In a long ago drug trial, the testimony revealed that a confidential informant had purchased cocaine from the defendant under the surveillance of several law enforcement officers. Instead of immediately arresting the defendant, the officers allowed several weeks to go by before obtaining a warrant. Of course the defense was mistaken identity. The officers advanced the defense by being in hopeless conflict as to what the defendant was wearing. On cross-examination the defense attorney skillfully highlighted each conflict, hammering home the inconsistencies and causing the prosecutor himself to wonder about the credibility of the officers. One officer said the defendant was wearing a brown shirt. One said a green shirt. Another said the shirt was striped. One officer said the defendant was wearing tan pants. One said beige. Another said brown. One officer said the defendant was wearing brown shoes. Another said he was wearing sneakers. They could not agree on the description of a single item of the defendant’s clothing.

The prosecutor’s concern about the wide divergence in testimony deepened during final argument as the defense attorney eloquently argued the discrepancies, reminding the jurors that the judge would instruct them that “a reasonable doubt can arise from the evidence, the lack of evidence, or a conflict in the evidence.” The defense attorney had spun the conflicts into enough reasonable doubt for a dozen acquittals. As he sat listening to defense counsel, the prosecutor could see that the argument was connecting with the jury. They were leaning forward and listening intently. The prosecutor even saw one of the jurors nod as the defense attorney made a point. Unable to continue looking at the jury, the prosecutor allowed his eyes to wander about the courtroom. Before long, they fell on the defendant sitting alone at counsel table. The prosecutor did a double take and then studied the defendant intently.

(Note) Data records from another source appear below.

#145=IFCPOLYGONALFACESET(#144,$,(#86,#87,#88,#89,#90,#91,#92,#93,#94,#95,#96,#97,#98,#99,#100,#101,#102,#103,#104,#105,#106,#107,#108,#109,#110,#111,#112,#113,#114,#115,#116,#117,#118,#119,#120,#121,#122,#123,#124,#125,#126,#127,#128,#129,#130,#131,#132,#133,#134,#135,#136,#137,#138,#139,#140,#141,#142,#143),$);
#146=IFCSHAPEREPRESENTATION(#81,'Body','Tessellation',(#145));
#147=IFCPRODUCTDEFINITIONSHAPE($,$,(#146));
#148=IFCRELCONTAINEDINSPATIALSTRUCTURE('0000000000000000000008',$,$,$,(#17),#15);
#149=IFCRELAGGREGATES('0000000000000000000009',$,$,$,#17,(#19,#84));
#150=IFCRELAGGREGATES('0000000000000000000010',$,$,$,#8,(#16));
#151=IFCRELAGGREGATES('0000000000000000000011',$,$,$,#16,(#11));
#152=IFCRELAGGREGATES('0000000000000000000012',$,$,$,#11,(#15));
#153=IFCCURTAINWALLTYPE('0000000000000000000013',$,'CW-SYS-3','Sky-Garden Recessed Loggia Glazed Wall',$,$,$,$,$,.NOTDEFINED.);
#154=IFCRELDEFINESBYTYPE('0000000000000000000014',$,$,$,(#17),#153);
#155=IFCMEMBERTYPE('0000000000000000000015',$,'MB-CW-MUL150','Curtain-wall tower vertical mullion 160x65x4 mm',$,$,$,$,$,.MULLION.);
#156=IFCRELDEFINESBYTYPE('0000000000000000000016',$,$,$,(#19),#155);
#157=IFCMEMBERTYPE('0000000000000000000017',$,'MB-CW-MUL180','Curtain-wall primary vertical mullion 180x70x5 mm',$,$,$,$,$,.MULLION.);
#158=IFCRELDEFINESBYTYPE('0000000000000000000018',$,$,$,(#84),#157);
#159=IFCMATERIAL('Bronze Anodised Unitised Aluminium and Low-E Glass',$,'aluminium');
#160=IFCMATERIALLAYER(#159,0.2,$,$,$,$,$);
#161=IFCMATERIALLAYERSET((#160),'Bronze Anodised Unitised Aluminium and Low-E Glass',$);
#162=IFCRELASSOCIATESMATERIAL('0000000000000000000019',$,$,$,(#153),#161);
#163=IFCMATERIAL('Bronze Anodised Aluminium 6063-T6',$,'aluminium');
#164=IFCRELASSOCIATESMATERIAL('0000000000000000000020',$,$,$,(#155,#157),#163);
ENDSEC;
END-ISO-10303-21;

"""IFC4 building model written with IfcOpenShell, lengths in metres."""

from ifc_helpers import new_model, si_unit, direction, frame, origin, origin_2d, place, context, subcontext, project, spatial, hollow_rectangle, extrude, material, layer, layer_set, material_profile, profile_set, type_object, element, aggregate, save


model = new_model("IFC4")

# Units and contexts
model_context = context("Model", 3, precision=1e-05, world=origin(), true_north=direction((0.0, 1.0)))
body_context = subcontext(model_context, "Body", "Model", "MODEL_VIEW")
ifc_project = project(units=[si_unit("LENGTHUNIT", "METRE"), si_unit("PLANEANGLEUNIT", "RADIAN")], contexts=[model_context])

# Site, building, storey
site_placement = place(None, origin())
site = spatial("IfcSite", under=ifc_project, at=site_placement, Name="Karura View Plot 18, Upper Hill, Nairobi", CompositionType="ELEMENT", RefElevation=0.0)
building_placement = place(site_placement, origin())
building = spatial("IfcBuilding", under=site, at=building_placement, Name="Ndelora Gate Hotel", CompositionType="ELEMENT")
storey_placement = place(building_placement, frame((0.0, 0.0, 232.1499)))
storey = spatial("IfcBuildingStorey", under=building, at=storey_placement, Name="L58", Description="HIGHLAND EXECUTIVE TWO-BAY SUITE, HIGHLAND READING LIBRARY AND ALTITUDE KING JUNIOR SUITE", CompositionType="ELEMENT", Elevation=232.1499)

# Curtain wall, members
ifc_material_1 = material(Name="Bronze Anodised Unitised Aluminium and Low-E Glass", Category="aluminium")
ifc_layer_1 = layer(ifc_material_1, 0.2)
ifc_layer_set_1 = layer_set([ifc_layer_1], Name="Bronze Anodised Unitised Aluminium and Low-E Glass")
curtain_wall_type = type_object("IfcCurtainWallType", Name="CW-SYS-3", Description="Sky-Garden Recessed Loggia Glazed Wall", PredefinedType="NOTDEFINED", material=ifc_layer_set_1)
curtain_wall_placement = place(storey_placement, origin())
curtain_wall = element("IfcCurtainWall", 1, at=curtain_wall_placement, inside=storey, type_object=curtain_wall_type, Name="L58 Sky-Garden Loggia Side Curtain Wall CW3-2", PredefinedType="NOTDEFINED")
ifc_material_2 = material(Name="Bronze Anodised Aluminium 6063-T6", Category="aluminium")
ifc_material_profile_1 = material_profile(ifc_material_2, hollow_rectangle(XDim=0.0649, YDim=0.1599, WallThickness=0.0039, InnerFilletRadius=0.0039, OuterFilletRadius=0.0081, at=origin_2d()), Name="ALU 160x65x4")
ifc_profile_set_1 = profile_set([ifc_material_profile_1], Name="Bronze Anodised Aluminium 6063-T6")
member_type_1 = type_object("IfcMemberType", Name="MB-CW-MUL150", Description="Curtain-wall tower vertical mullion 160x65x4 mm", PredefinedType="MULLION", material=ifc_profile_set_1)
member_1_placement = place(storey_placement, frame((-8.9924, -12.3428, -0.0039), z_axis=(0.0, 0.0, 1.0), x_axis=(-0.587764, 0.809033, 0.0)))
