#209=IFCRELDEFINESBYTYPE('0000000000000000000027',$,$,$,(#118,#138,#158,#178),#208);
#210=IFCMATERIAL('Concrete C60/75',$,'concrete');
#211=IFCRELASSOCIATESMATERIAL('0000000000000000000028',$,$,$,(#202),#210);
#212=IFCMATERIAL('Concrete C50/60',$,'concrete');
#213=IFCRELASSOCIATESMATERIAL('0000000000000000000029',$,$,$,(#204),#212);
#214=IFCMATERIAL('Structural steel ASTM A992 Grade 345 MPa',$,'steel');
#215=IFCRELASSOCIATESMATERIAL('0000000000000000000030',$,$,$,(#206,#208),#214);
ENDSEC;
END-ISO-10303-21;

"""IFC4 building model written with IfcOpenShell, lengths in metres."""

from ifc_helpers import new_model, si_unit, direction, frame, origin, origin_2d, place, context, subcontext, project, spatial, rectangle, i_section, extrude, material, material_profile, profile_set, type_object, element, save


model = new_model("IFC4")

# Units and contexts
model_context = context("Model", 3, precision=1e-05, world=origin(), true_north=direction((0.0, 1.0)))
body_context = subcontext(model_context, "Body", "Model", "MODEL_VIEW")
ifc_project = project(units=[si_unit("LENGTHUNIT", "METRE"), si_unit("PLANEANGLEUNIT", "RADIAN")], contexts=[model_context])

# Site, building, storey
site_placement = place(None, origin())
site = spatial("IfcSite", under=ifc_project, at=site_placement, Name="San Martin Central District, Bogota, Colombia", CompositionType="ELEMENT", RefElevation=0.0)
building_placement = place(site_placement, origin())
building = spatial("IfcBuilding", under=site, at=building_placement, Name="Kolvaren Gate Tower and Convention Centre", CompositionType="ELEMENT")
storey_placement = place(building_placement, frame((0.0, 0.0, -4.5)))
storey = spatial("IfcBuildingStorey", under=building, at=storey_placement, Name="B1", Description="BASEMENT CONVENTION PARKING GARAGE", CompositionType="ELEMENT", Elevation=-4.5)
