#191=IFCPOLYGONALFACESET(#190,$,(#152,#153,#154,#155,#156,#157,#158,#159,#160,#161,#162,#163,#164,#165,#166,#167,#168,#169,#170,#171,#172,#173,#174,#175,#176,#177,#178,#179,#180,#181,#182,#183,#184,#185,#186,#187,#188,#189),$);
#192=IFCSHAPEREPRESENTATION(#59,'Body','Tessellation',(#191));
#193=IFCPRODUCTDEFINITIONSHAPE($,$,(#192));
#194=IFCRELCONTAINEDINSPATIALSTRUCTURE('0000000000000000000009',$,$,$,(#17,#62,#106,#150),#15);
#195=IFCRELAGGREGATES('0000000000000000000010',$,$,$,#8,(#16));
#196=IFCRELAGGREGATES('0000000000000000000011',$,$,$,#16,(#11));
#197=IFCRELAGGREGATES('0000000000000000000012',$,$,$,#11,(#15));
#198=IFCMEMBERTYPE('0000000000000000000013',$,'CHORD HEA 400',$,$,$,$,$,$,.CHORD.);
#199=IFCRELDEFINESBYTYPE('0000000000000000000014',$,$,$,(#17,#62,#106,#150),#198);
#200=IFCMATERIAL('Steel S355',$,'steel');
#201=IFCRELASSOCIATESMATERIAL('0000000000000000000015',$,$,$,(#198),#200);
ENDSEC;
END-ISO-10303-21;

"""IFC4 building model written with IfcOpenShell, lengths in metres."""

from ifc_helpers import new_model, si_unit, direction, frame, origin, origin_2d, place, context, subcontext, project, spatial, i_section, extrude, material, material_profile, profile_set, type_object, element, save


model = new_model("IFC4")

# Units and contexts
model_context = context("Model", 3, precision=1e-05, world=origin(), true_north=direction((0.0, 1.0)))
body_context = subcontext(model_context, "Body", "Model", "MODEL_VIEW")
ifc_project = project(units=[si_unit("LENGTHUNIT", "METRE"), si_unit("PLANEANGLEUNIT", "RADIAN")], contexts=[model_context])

He was wearing a green and brown striped shirt. His pants were a color that could fairly be called beige, brown, or tan. The prosecutor looked down at the defendant's shoes; they were brown sneakers. The defendant was wearing the same clothing he had worn when he sold the drugs!

The prosecutor decided to work a comment or two on the defendant's dress into his rebuttal final argument. He would have to be circumspect in his remarks, however, because the clothing that the defendant wore to court was not in evidence. How might he comment on the defendant's courtroom attire without provoking a mistrial for commenting on facts not in evidence? The prosecutor decided to use the defendant's clothing as a non-evidentiary demonstrative aid. His closing remarks went something like this: "Ladies and gentlemen of the jury, my learned colleague has made much of the fact that one officer described the defendant’s shirt as brown, while another said it was green, and another said it was striped. He says this so-called conflict gives rise to a reasonable doubt about his client’s guilt. Could it be that the defendant on the night in question wore a green and brown striped shirt much like the green and brown striped shirt he is now wearing? Where is the conflict in testimony if that is the case? As for the conflict about brown shoes or sneakers, could the defendant have worn a pair of brown sneakers, much like the brown sneakers he wears today? Could .... " You get the picture. The jury did too. The prosecutor got his conviction without ever having to say, "Look, ladies and gentlemen of the jury, the defendant is either so arrogant or so stupid that he thinks we won't notice that he's wearing the same clothing he wore the night he sold the drugs." An excellent job of cross-examination and an eloquent final argument were set at naught by the client’s own actions. Perhaps defense counsel would be wise to add “dressing the client” to their pretrial checklist of things to do.